In Table 2 are listed second sets of results. We again compare our results with values reported in the previously published papers [1, 3]. The authors of the [1] paper used SVM based 1 (SVM b. 1) and SVM based 2 (SVM b. 2) methods. Both of these methods are classic SVM algorithms, in case of SVM b. 1 method uses as input generated training data by use of WordNet, documents of input corpus and preprocessing as: stop-word removal, tokenization, TF-IDF representation, clusters created by Latent Semantic Indexing (LSI), etc. The SVM b. 2 method is same in preprocessing but uses the corpus of input documents. The results of both their methods and our used algorithms are macro F1-measures from three data sub-sets divided into training and testing data according to Sect. 2.

The method listed as HM stated in [3] is semi-supervised classification and uses the hybrid model of deep belief network and soft regression. The unlabeled data are used to train deep belief network model and labelled data are used to train softmax regression model and fine-tune the coherent whole system. The results stated as HM are only one of the few results in [3], they use different division of the data set to training and testing data, for these results they used 7 500 as the test set, 11 000 as unlabeled training set and 3000 as the labelled training set. For gaining our results we used similar division used in [3]. We gained training (we concatenated their unlabeled and labelled data – approximately 13 000 labelled documents for Linear SVM and without labels for K-means) and test data (approximately 7000 documents).

Table 2. Comparison of our results with results achieved in [1, 3].

Results on Czech data sets are listed in Table 3. We state these only for the purpose of testing our approach on the data in the different language than English. The results on the language rather distant from English shows that our approach of the preparation of the data can be also applied in this case.

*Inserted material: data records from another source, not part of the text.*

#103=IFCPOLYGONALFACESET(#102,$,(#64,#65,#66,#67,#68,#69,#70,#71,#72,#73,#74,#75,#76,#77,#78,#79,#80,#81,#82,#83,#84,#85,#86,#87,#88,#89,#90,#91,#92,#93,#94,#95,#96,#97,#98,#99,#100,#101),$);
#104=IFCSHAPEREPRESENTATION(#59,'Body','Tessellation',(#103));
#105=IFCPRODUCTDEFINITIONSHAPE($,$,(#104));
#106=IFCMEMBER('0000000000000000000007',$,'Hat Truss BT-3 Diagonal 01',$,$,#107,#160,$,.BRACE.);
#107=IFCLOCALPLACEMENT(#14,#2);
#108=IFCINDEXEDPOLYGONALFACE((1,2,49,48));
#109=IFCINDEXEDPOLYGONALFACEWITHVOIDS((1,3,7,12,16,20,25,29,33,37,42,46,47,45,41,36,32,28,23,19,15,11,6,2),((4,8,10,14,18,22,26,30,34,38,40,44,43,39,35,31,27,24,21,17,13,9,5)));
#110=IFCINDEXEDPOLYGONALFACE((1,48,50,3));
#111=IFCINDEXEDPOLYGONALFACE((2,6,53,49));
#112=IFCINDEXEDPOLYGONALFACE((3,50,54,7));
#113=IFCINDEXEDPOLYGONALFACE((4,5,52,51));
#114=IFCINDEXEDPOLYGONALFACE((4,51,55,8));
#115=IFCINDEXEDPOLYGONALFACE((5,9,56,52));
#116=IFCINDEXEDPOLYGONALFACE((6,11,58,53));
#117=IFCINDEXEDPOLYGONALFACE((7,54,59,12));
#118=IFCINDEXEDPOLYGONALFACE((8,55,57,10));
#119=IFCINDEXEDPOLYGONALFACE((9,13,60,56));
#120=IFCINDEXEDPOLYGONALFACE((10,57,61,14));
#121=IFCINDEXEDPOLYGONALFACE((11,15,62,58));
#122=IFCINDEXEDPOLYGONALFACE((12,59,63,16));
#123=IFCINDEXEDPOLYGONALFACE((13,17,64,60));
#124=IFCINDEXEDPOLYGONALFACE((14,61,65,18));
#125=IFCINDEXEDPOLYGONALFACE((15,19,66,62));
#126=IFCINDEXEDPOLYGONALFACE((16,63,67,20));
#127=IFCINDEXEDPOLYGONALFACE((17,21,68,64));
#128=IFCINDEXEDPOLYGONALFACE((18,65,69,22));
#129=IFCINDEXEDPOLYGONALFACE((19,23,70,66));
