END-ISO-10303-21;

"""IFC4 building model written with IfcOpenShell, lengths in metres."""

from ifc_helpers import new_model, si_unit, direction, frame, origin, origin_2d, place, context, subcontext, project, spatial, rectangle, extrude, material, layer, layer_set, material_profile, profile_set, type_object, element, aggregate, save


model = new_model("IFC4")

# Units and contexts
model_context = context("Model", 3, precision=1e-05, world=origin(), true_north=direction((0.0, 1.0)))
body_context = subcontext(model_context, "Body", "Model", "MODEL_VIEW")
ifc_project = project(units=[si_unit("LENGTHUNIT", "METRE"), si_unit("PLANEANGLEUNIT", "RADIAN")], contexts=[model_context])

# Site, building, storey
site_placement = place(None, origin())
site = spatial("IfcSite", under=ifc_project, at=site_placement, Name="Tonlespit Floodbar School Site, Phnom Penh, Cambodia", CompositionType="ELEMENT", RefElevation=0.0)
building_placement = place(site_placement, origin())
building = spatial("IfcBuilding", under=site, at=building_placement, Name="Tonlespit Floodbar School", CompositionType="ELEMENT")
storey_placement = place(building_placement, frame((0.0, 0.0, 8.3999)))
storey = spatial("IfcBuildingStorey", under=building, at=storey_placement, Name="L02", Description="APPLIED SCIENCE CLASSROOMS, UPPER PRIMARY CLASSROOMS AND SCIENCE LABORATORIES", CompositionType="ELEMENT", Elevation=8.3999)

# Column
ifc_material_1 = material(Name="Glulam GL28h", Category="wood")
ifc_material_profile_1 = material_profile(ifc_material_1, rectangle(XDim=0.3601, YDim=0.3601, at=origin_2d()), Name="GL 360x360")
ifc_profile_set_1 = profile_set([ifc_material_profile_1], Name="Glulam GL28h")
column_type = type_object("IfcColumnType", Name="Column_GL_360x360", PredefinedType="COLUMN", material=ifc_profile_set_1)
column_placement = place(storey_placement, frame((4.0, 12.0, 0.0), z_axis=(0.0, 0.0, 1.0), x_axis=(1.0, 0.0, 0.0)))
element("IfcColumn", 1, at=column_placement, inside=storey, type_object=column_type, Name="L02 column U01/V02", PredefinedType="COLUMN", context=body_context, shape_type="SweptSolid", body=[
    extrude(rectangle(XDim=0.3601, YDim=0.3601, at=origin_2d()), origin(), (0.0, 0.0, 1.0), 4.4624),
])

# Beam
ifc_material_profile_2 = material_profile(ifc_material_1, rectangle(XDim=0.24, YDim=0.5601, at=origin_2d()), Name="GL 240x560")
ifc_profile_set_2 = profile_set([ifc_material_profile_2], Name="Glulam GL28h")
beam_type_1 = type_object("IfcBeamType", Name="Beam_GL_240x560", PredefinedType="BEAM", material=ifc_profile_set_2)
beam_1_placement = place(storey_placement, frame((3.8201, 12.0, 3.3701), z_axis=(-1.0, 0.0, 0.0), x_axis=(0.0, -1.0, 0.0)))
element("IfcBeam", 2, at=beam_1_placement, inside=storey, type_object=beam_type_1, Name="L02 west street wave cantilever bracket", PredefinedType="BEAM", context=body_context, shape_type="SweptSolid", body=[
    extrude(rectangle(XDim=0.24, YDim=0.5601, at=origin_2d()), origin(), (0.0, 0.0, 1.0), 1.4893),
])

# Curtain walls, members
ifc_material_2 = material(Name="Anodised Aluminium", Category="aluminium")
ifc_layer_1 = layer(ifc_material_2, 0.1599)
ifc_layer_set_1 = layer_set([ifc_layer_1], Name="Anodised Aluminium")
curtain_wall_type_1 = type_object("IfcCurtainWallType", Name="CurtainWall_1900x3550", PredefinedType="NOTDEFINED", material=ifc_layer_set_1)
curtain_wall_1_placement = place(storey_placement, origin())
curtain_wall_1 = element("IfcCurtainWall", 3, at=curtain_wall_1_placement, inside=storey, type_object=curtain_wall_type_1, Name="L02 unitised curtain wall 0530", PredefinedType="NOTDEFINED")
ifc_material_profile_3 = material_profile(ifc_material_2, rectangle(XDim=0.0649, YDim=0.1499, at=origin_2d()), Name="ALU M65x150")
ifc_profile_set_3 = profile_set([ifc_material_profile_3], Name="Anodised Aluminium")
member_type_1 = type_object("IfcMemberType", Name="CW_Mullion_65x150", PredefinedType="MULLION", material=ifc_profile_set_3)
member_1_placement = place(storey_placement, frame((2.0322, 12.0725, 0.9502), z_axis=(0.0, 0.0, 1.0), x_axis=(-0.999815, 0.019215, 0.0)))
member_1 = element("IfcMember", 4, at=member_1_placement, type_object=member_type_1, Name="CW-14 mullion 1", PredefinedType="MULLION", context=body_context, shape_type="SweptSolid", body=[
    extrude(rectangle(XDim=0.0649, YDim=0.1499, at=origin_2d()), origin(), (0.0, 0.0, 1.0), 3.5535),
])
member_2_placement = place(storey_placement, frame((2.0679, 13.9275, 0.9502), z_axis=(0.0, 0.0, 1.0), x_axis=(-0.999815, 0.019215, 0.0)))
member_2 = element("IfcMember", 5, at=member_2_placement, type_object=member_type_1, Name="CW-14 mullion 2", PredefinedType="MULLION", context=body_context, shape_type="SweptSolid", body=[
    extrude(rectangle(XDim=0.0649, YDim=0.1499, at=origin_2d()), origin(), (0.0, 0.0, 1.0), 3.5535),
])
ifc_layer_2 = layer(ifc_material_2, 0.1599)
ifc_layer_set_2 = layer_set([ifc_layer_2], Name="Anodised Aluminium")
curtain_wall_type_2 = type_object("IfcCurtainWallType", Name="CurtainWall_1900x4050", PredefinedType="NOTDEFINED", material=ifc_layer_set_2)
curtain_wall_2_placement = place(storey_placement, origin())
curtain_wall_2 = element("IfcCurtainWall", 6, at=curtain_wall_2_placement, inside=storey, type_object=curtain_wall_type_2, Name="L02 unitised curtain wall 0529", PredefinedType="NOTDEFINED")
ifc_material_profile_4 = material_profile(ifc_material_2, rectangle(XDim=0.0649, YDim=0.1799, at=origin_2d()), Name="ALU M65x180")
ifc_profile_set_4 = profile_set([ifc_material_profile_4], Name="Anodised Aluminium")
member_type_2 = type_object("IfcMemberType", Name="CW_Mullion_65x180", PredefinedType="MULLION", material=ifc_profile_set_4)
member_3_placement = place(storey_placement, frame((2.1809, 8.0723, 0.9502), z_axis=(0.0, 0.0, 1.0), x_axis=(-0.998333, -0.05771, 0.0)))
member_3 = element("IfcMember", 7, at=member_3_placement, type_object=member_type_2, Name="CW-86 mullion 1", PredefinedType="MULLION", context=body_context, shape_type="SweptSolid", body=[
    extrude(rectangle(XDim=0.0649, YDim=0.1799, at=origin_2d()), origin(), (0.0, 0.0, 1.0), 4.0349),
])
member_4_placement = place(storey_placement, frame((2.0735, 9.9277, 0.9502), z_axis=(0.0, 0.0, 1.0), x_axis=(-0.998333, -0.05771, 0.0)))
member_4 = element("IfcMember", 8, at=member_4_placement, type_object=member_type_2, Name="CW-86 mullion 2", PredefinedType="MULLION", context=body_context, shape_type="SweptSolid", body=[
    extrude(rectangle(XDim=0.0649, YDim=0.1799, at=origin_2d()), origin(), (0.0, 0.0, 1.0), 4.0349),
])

Table 3. Results on Czech data sets.

7 Conclusion

A reasonably effective pipeline for unsupervised text documents classification according to their topic is introduced in this paper. Preprocessing of the raw input textFootnote 6 and extracted feature vectorsFootnote 7 are key factors in our approach. Simple supervised Linear SVM and unsupervised classification K-means algorithms were used and as was predicted, the supervised one is superior to the unsupervised. Our main goal is to at least have similar results with unsupervised algorithm to supervised one. The performance of this unsupervised method (stated in Table 2) was almost on par with semi-supervised algorithm and even better against supervised algorithms used in [1]. Also as you can see from all Tables 12 and 3 representation with use of doc2vec model increases performance of our unsupervised method around 10%. This is an important finding of our research, since the benchmark training data – which are necessary for supervised learning – are often not available. Also our approach of preprocessing input data texts is suitable even for simple supervised Linear SVM algorithm whose performance is comparable with more complex one (Table 2).